IV - Os actos tributários carecem de fundamentação, que, desde logo, tem de traduzir-se numa declaração formal, externa ou explícita, ou seja, numa manifestação (declaração) exterior consubstanciada num discurso expresso num texto, não bastando que resulte implicitamente da actuação administrativa.
V - Essencial é que o discurso contextual, expresso e externado pelo autor do acto dê a conhecer ao seu destinatário, pressuposto este como um destinatário normal ou razoável colocado perante as circunstâncias concretas, a motivação funcional do acto, os motivos por que se decidiu num determinado sentido e não em qualquer outro, permitindo àquele optar conscientemente entre a aceitação da legalidade do acto ou a sua impugnação.
VI - A fundamentação de uma liquidação de juros compensatórios deve dar a conhecer, pelo menos, o montante de imposto sobre o qual incidem os juros, a taxa ou taxas aplicáveis e o período da sua contagem.
VII - Na falta de indicação desses elementos, e se eles não forem evidentes, o acto de liquidação de juros compensatórios enferma do vício de forma por falta de fundamentação, a determinar a sua anulabilidade.
Aditamento:
1
Decisão Texto Integral:1. RELATÓRIO

1.1 O Representante da Fazenda Pública (adiante Recorrente ou, de forma abreviada, RFP) junto do Tribunal Tributário de 1.ª Instância do Porto recorre para este Tribunal Central Administrativo (TCA) da sentença proferida naquele Tribunal que julgou procedente a impugnação deduzida pela sociedade denominada “T.....” (adiante Impugnante ou Recorrida) contra a liquidação adicional de IRC e derrama respeitante ao ano de 1994, na parte em teve origem nas correcções, do montante de esc. 33.252.368$00, motivadas pela não aceitação das mais-valias contabilísticas declaradas, e contra a liquidação de juros compensatórios, do montante de esc. 11.106.812$00, restringindo o recurso ao «acto de liquidação de juros compensatórios impugnado, na parte não impugnada da liquidação adicional de IRC» (() As partes entre aspas e com um tipo de letra diferente, aqui como adiante, constituem transcrições.) (cfr. conclusão com o n.º 3, in fine).
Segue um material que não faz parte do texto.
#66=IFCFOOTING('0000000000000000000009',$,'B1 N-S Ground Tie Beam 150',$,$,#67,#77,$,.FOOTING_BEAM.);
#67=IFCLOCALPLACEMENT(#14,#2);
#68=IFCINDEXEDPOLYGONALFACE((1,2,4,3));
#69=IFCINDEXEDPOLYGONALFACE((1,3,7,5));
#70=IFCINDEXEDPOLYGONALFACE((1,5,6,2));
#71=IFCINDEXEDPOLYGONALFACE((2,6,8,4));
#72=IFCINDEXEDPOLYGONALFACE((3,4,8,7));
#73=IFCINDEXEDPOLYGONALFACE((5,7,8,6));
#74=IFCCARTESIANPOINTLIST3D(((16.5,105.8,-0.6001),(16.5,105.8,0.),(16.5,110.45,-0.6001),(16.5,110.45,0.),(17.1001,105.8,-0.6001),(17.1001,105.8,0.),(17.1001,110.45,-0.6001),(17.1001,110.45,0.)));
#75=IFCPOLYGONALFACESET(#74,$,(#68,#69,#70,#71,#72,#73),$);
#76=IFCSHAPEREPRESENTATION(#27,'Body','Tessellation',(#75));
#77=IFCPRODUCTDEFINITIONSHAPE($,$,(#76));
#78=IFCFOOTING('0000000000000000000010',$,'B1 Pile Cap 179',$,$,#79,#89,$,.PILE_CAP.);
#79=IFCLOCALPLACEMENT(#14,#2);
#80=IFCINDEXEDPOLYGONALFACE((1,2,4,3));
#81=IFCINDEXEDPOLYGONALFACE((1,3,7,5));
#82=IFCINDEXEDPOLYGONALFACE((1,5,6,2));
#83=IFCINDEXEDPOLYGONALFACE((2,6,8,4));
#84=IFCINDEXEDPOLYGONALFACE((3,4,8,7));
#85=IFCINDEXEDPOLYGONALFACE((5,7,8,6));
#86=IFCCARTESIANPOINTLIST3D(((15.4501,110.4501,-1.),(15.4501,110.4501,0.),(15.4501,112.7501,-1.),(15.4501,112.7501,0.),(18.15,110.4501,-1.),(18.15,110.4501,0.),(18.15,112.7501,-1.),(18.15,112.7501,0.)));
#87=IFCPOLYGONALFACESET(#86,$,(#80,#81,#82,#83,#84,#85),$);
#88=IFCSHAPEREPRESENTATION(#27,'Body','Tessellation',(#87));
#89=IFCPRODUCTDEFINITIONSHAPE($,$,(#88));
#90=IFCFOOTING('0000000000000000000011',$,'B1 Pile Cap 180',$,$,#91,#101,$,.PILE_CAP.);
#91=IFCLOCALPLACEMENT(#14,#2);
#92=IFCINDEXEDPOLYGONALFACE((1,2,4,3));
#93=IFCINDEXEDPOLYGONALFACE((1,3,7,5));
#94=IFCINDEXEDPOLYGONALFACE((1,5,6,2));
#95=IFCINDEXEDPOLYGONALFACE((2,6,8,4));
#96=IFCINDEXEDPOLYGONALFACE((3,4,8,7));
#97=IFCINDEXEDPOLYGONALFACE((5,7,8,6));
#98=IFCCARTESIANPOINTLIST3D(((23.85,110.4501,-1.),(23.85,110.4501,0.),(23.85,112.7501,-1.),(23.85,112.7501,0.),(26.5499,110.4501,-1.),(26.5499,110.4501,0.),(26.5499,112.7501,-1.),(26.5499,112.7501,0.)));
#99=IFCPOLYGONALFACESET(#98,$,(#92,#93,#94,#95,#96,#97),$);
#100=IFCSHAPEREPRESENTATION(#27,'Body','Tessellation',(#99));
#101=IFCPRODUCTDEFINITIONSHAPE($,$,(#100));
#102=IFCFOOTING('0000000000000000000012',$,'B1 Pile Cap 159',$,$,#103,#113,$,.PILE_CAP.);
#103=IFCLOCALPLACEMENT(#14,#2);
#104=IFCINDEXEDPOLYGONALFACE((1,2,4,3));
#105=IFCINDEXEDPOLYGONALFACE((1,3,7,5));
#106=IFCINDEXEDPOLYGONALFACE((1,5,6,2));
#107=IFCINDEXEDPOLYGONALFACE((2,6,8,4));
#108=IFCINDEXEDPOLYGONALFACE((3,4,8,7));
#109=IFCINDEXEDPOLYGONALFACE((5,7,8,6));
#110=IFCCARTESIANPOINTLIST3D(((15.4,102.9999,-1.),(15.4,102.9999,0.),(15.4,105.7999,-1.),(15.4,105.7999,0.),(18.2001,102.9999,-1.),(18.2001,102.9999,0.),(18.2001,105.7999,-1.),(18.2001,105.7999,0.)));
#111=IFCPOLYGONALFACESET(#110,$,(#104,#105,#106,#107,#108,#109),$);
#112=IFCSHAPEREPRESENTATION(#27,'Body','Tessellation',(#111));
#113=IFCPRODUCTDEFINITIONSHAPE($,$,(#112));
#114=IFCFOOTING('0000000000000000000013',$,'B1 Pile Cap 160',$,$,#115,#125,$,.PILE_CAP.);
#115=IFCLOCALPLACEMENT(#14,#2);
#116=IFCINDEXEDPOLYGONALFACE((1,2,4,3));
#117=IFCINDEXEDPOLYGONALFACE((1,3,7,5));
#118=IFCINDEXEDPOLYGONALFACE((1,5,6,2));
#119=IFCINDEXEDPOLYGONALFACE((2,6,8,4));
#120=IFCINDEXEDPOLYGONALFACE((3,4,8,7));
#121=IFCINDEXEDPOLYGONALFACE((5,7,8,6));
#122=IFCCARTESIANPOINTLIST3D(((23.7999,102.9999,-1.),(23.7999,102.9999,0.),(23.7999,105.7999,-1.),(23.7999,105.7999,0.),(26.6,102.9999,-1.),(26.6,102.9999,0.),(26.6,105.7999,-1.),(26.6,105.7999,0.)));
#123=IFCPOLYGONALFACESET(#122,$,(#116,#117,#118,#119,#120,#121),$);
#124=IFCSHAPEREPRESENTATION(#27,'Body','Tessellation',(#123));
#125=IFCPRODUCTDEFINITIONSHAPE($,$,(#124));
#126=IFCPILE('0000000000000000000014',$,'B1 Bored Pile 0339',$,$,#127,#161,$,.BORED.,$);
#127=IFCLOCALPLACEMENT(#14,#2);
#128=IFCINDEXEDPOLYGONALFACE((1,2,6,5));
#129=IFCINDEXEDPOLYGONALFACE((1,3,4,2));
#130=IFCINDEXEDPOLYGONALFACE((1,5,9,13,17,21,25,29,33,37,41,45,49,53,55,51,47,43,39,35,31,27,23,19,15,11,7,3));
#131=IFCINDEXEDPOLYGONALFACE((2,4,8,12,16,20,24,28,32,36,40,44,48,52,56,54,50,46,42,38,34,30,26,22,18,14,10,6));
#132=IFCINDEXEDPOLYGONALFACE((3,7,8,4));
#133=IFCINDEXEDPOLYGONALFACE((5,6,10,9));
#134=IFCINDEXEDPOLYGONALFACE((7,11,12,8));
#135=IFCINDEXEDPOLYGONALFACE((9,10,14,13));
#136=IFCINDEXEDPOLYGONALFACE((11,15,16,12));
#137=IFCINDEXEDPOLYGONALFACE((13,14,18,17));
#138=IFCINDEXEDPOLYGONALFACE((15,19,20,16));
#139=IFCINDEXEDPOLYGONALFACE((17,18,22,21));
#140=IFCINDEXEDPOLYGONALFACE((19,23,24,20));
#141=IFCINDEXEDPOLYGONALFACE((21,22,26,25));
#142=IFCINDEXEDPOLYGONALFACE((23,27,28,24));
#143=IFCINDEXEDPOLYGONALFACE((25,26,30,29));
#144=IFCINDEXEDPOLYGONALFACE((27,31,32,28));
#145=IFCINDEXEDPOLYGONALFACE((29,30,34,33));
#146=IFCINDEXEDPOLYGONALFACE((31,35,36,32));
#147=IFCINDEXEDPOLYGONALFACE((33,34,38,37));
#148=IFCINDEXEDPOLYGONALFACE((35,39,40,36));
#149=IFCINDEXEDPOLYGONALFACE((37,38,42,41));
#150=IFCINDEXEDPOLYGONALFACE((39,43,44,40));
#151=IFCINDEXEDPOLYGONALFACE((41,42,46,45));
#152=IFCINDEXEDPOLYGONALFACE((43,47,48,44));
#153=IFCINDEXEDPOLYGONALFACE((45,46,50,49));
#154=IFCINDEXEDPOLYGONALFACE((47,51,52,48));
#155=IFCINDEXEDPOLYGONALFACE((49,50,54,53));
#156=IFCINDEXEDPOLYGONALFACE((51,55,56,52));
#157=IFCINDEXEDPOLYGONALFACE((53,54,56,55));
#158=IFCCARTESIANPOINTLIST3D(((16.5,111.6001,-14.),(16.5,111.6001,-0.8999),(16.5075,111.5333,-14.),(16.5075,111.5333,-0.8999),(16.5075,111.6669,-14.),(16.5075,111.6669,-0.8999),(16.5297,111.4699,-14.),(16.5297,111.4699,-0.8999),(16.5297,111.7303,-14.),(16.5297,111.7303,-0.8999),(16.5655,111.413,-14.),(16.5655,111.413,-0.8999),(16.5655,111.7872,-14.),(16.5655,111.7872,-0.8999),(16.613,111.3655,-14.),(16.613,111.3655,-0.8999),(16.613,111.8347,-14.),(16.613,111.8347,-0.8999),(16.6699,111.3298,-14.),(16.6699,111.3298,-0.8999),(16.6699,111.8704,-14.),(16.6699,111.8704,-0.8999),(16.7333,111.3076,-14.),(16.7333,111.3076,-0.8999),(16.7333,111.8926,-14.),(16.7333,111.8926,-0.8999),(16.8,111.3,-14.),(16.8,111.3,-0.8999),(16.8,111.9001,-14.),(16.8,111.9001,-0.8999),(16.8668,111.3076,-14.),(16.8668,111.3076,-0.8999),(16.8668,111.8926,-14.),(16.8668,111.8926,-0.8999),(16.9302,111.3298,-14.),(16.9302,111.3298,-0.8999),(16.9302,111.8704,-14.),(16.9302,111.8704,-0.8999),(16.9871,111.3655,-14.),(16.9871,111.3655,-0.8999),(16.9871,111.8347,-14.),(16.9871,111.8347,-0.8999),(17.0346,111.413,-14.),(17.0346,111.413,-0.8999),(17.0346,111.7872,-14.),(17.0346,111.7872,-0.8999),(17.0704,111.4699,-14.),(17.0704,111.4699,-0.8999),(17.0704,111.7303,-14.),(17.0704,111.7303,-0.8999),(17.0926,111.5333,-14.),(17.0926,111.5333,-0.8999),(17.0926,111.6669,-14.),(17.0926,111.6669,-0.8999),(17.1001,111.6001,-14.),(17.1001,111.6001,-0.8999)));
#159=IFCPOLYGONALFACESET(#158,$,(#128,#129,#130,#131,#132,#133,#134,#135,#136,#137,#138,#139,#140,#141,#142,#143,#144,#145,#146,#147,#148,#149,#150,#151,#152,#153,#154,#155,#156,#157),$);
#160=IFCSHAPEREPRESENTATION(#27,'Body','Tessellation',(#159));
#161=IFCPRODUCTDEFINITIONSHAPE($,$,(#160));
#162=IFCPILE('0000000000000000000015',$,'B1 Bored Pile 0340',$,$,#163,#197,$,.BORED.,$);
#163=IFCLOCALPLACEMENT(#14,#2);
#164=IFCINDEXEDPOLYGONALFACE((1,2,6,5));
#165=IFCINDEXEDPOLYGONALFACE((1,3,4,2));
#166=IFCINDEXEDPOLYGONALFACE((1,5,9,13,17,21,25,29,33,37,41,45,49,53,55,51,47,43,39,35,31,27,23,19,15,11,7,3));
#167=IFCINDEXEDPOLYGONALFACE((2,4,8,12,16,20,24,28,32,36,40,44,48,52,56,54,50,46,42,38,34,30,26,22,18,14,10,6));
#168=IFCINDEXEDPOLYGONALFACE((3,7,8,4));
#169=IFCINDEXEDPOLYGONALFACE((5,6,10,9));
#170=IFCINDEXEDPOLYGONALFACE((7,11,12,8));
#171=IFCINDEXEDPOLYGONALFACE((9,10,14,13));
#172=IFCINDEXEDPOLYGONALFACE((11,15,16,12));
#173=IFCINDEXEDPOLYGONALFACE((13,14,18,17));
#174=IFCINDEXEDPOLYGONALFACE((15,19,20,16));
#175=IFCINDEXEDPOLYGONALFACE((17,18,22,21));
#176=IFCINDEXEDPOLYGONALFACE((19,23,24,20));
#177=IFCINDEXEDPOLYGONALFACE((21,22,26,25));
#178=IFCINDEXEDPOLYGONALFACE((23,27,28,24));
1.2 Com referência ao pedido de anulação da liquidação dos juros compensatórios, a Impugnante, na petição inicial, invocou como causa de pedir a falta de fundamentação.
Para tanto, alegou, em síntese, o seguinte:
- na sequência da correcção do lucro tributável declarado de esc. 308.244.963$00 para 367.601.902$00, a Administração tributária (AT) liquidou-lhe IRC, derrama e respectivos juros compensatórios, dos montantes de, respectivamente, esc. 21.368.498$00, 2.025.734$00 e 11.106.812$00;
- aceita as correcções que lhe foram efectuadas ao lucro tributável, com excepção da respeitante a mais valias-valias contabilísticas, do montante de esc. 33.252.368$00, motivo por que não se conforma com as liquidações de IRC, derrama e juros compensatórios a que a mesma deu lugar;
- a fundamentação de tais liquidações é a que consta da respectiva notificação que a Impugnante recebeu e de que junta cópia;
- a liquidação de juros compensatórios não se encontra «minimamente fundamentada», não dando a conhecer a razão por que foram liquidados juros compensatórios nem a forma como se efectuou essa liquidação;
- atento o disposto no art. 83.º, n.ºs 2, 3 e 4, do Código de Processo Tributário (CPT), na redacção que lhe foi dada pelo Decreto-Lei n.º 7/96, de 7 de Fevereiro, «resulta que a fundamentação da liquidação de juros compensatórios terá de aludir, pelo menos, ao prazo da respectiva contagem e à taxa ou taxas aplicadas».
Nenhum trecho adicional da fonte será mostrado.